2. **`manifest-to-mapped-collection-lifecycle` recipe.** Scope: a tabular manifest/list becomes a collection, a mapped tool runs once per row/key, and outputs are relabeled or reshaped. Strongest evidence: SRA manifest and pox-virus.

3. **`cleanup-sync-and-publish-nonempty-results` recipe.** Scope: mapped outputs may be empty; clean them, use identifiers to keep siblings aligned, and gate reports on non-empty results. Strongest evidence: MGnify rRNA prediction.

4. **`reshape-relabel-remap-by-collection-axis` recipe.** Scope: domain fan-out creates the wrong axis; use Apply Rules and relabeling to expose the downstream map-over axis. Evidence is dense but mostly influenza; keep as a recipe page with confidence caveats, not a broad operation.

5. **Nextflow-source-pattern MOC.** Scope: source-facing pages that explain Nextflow channel/operator idioms and list Galaxy pattern pages that implement each idiom. This is not an IWC pattern page in the same sense as collection leaves; it is a translation index over them.
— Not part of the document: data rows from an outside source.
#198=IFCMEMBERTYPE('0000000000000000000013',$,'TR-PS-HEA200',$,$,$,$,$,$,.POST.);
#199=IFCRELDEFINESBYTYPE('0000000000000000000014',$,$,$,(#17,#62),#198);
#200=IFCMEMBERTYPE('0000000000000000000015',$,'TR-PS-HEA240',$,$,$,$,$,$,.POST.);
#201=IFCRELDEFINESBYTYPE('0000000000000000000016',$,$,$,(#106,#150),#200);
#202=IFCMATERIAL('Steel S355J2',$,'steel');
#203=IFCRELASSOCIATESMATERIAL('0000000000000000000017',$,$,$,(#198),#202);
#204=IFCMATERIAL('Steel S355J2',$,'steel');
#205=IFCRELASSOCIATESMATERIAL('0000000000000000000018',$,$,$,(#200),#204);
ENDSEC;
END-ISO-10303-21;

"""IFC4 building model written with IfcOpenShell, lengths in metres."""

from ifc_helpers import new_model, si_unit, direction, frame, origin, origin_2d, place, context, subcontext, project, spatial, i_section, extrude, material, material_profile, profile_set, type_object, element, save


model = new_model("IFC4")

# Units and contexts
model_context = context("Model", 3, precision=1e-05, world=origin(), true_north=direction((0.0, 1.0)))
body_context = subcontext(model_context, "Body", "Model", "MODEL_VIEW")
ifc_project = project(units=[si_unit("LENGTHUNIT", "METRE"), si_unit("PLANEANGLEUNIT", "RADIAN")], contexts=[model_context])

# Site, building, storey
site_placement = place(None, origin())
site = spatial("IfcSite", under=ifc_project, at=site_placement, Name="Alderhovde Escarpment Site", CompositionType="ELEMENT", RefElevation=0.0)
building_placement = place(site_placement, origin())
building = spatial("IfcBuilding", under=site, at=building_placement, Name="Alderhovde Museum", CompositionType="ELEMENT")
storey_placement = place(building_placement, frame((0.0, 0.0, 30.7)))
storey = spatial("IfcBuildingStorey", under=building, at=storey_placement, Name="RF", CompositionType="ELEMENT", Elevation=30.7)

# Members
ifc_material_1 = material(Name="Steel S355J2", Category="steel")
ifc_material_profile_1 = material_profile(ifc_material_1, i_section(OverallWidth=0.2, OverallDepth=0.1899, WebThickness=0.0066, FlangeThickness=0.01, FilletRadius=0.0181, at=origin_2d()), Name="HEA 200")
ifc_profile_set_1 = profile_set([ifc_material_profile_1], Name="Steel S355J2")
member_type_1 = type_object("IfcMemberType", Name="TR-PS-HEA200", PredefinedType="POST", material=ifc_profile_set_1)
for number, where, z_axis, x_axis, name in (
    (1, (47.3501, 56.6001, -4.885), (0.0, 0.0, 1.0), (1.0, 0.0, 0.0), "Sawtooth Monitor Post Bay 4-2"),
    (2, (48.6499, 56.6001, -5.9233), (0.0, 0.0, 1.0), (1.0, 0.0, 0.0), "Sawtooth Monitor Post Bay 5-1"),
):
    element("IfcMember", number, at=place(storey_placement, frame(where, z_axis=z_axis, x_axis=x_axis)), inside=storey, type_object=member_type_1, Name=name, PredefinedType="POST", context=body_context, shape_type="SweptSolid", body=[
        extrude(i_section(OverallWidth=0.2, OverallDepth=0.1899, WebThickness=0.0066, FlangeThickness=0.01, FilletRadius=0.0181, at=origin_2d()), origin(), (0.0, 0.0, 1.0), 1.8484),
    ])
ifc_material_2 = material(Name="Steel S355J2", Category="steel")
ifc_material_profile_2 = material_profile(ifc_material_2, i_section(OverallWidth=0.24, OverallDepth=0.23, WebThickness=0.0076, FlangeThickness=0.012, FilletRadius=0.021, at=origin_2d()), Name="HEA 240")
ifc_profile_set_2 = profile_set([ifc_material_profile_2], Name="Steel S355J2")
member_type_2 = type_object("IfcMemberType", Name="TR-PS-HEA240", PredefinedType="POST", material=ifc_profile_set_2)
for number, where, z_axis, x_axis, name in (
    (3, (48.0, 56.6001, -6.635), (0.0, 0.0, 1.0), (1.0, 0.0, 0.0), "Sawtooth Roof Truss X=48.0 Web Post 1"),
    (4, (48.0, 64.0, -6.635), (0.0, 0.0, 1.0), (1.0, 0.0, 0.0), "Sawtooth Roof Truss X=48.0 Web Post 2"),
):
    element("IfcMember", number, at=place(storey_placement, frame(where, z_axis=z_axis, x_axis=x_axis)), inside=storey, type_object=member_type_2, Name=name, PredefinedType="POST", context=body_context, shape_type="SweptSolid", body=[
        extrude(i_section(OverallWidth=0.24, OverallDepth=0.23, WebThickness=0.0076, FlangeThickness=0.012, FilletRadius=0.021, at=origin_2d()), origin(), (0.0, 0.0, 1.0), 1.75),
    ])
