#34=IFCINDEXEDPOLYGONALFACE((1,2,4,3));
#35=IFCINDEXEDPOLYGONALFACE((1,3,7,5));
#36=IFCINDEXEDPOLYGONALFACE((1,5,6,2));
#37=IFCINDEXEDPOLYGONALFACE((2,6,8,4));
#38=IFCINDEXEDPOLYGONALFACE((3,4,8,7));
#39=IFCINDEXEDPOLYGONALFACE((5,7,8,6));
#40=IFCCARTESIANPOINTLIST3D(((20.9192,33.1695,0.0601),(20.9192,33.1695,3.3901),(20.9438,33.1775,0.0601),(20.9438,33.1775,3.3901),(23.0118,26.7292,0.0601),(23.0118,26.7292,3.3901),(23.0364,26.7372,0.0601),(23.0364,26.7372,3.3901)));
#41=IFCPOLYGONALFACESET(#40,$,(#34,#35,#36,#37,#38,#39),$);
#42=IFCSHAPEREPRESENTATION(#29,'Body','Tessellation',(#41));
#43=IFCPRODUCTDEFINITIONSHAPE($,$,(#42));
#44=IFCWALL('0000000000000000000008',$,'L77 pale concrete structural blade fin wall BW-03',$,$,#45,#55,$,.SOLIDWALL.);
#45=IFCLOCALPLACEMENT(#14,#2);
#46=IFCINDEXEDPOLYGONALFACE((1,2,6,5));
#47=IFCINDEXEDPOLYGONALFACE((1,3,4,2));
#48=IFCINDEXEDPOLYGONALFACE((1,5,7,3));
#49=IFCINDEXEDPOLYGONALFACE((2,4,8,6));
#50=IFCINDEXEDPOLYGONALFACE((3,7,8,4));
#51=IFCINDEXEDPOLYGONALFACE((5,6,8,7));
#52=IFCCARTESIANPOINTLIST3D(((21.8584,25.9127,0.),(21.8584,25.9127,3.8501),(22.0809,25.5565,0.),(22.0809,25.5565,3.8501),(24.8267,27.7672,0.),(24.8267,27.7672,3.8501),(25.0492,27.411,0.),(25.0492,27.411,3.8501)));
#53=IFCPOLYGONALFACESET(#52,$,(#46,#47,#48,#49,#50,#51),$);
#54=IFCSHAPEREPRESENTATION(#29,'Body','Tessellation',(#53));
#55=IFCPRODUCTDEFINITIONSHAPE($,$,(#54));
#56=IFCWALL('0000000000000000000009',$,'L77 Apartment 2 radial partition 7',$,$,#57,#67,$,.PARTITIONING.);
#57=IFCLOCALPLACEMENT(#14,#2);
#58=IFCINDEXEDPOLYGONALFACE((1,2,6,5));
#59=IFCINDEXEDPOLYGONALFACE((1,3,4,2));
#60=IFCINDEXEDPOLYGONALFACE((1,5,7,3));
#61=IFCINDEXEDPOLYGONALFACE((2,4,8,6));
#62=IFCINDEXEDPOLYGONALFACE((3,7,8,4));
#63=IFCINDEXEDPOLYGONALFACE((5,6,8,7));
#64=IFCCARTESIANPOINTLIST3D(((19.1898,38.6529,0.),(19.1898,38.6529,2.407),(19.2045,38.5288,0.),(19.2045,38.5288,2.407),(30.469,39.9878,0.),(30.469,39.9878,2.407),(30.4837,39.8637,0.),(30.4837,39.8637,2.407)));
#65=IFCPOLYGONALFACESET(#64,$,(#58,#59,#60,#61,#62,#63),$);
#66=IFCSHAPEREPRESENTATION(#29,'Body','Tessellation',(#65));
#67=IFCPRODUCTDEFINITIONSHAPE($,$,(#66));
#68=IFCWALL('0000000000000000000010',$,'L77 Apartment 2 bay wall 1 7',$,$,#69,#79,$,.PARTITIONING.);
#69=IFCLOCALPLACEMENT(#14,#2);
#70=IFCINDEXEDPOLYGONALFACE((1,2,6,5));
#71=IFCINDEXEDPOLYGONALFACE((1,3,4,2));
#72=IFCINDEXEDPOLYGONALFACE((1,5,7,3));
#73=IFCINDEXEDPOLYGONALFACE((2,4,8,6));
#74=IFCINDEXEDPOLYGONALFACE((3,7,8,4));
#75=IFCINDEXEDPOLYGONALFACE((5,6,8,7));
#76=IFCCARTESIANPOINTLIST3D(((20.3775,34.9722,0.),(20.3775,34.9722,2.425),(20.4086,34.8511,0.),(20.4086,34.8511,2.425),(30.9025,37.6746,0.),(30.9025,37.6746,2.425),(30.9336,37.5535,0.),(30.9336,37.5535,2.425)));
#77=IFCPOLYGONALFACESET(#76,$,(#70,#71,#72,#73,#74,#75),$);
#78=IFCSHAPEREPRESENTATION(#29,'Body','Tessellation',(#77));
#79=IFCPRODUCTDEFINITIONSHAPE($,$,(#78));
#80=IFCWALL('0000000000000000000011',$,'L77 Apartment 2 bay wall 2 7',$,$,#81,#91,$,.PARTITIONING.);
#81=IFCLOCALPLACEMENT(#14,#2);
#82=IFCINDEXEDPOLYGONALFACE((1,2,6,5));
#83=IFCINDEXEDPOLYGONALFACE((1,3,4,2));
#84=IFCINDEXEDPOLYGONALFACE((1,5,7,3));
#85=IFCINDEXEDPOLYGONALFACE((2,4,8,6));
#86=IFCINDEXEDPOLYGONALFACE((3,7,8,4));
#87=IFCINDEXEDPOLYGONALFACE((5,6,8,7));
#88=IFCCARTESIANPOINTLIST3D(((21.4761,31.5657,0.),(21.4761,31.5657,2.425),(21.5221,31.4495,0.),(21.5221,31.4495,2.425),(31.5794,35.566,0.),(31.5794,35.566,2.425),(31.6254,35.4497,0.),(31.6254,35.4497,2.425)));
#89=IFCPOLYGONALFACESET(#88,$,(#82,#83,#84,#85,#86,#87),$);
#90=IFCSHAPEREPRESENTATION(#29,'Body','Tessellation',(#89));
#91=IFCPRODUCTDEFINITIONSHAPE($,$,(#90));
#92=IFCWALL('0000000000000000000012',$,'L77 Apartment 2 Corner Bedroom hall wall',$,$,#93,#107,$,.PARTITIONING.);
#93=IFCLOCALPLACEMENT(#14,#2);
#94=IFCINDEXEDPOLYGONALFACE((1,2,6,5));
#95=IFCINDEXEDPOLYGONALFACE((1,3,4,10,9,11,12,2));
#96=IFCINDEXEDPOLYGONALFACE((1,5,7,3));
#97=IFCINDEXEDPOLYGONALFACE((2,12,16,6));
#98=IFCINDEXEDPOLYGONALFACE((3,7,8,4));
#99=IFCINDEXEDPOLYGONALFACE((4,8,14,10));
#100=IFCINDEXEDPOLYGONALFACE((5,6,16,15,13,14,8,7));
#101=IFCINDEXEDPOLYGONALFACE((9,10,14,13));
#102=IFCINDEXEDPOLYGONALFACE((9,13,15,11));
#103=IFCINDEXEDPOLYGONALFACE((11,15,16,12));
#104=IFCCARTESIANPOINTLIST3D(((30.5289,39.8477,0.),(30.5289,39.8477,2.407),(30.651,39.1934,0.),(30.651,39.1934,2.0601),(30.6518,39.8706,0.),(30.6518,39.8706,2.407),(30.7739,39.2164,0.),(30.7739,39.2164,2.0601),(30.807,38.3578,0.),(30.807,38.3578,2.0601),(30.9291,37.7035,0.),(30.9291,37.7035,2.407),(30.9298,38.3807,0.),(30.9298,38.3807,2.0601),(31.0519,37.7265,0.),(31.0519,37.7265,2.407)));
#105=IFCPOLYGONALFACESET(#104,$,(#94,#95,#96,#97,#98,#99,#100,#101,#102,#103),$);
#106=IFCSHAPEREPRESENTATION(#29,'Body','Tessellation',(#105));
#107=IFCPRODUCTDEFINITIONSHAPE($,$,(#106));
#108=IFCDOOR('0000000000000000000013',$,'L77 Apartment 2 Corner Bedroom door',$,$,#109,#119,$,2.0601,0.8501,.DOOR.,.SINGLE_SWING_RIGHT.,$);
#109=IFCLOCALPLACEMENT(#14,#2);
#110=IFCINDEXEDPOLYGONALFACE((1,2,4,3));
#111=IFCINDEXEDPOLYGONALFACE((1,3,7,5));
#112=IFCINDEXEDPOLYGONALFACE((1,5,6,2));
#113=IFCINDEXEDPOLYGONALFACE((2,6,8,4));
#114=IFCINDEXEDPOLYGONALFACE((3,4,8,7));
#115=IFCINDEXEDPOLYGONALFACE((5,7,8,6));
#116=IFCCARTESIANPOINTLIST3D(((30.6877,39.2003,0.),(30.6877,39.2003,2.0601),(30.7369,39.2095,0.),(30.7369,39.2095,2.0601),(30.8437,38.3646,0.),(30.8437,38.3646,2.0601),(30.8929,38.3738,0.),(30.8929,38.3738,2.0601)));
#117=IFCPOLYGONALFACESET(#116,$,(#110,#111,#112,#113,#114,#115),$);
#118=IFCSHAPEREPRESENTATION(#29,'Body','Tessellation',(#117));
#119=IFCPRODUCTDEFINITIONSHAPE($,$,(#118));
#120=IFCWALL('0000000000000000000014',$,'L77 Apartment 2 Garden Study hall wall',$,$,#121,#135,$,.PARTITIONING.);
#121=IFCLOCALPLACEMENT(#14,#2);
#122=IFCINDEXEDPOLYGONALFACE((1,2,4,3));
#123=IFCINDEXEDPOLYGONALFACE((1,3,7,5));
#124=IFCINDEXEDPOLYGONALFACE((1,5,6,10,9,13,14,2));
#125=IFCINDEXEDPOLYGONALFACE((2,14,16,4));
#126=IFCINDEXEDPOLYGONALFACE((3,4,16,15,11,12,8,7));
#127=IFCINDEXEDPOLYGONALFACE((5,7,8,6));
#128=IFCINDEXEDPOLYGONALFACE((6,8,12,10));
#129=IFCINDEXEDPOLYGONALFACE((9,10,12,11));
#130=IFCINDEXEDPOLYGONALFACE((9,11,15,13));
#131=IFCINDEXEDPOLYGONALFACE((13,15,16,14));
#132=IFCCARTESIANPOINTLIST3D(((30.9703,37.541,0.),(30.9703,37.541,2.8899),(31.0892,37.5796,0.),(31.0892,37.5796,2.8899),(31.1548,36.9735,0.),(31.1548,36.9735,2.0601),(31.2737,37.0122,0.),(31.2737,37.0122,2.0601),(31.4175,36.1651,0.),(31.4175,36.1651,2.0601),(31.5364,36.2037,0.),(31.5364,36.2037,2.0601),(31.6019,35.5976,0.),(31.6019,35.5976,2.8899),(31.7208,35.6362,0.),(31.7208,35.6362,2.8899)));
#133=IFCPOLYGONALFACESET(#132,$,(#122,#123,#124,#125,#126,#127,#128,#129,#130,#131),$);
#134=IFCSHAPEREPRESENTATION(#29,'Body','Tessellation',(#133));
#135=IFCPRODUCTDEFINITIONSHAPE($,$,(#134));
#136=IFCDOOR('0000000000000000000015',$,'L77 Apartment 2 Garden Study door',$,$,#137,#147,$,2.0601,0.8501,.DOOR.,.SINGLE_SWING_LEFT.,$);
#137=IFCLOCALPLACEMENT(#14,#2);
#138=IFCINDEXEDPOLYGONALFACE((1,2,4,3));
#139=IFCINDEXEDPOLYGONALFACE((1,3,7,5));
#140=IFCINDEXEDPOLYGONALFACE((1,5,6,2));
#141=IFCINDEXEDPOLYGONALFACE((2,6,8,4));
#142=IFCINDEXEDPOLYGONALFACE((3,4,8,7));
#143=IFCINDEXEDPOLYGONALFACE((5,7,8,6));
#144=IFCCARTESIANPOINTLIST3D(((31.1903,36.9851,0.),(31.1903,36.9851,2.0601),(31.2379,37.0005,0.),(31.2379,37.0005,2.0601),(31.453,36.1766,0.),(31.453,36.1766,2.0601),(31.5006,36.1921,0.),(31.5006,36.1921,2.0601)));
### Merge / cross-link, do not duplicate

6. Cleanup variants belong in [[collection-cleanup-after-mapover-failure]].
7. Sibling sync belongs in [[sync-collections-by-identifier]] and [[harmonize-by-sortlist-from-identifiers]].
8. Collection-to-tabular reduction belongs in [[tabular-concatenate-collection-to-table]] and [[tabular-pivot-collection-to-wide]].
9. Output singleton extraction and bundling belong in [[collection-unbox-singleton]] and [[collection-build-named-bundle]].

### Drop

10. Tool-anchored lifecycle pages such as `FILTER_EMPTY lifecycle` or `Apply Rules lifecycle`.
11. Generic `map-over-in-galaxy` as an operation page. Map-over itself is semantics; corpus-backed reusable value is in the lifecycle recipes around it.
12. Unkeyed Nextflow `combine` / Cartesian product as a corpus-backed pattern. Treat it as review-trigger until stronger IWC evidence appears.

## 5. Open questions

1. Should `galaxy-map-over-lifecycle-patterns` be a `pattern_kind: moc` page under `content/patterns/`, or remain a research survey until one conversion workflow uses it?
2. Should lifecycle recipes be standalone recipe pages, or sections inside the lifecycle MOC that link to existing operations?
3. Is dense single-workflow evidence enough for `reshape-relabel-remap-by-collection-axis`, or should it stay survey-only until a second workflow attests the full sequence?
4. Should source-pattern pages be a new note type, a `research/component` subtype convention, or ordinary `pattern` pages with source-specific metadata?
5. If source-pattern pages list `implemented_by` Galaxy pattern pages, should that field be schema-validated as wiki links?
6. How prescriptive should Nextflow-first pages be when the mapping is lossy: default recipe plus review triggers, or review-only until verified in a conversion?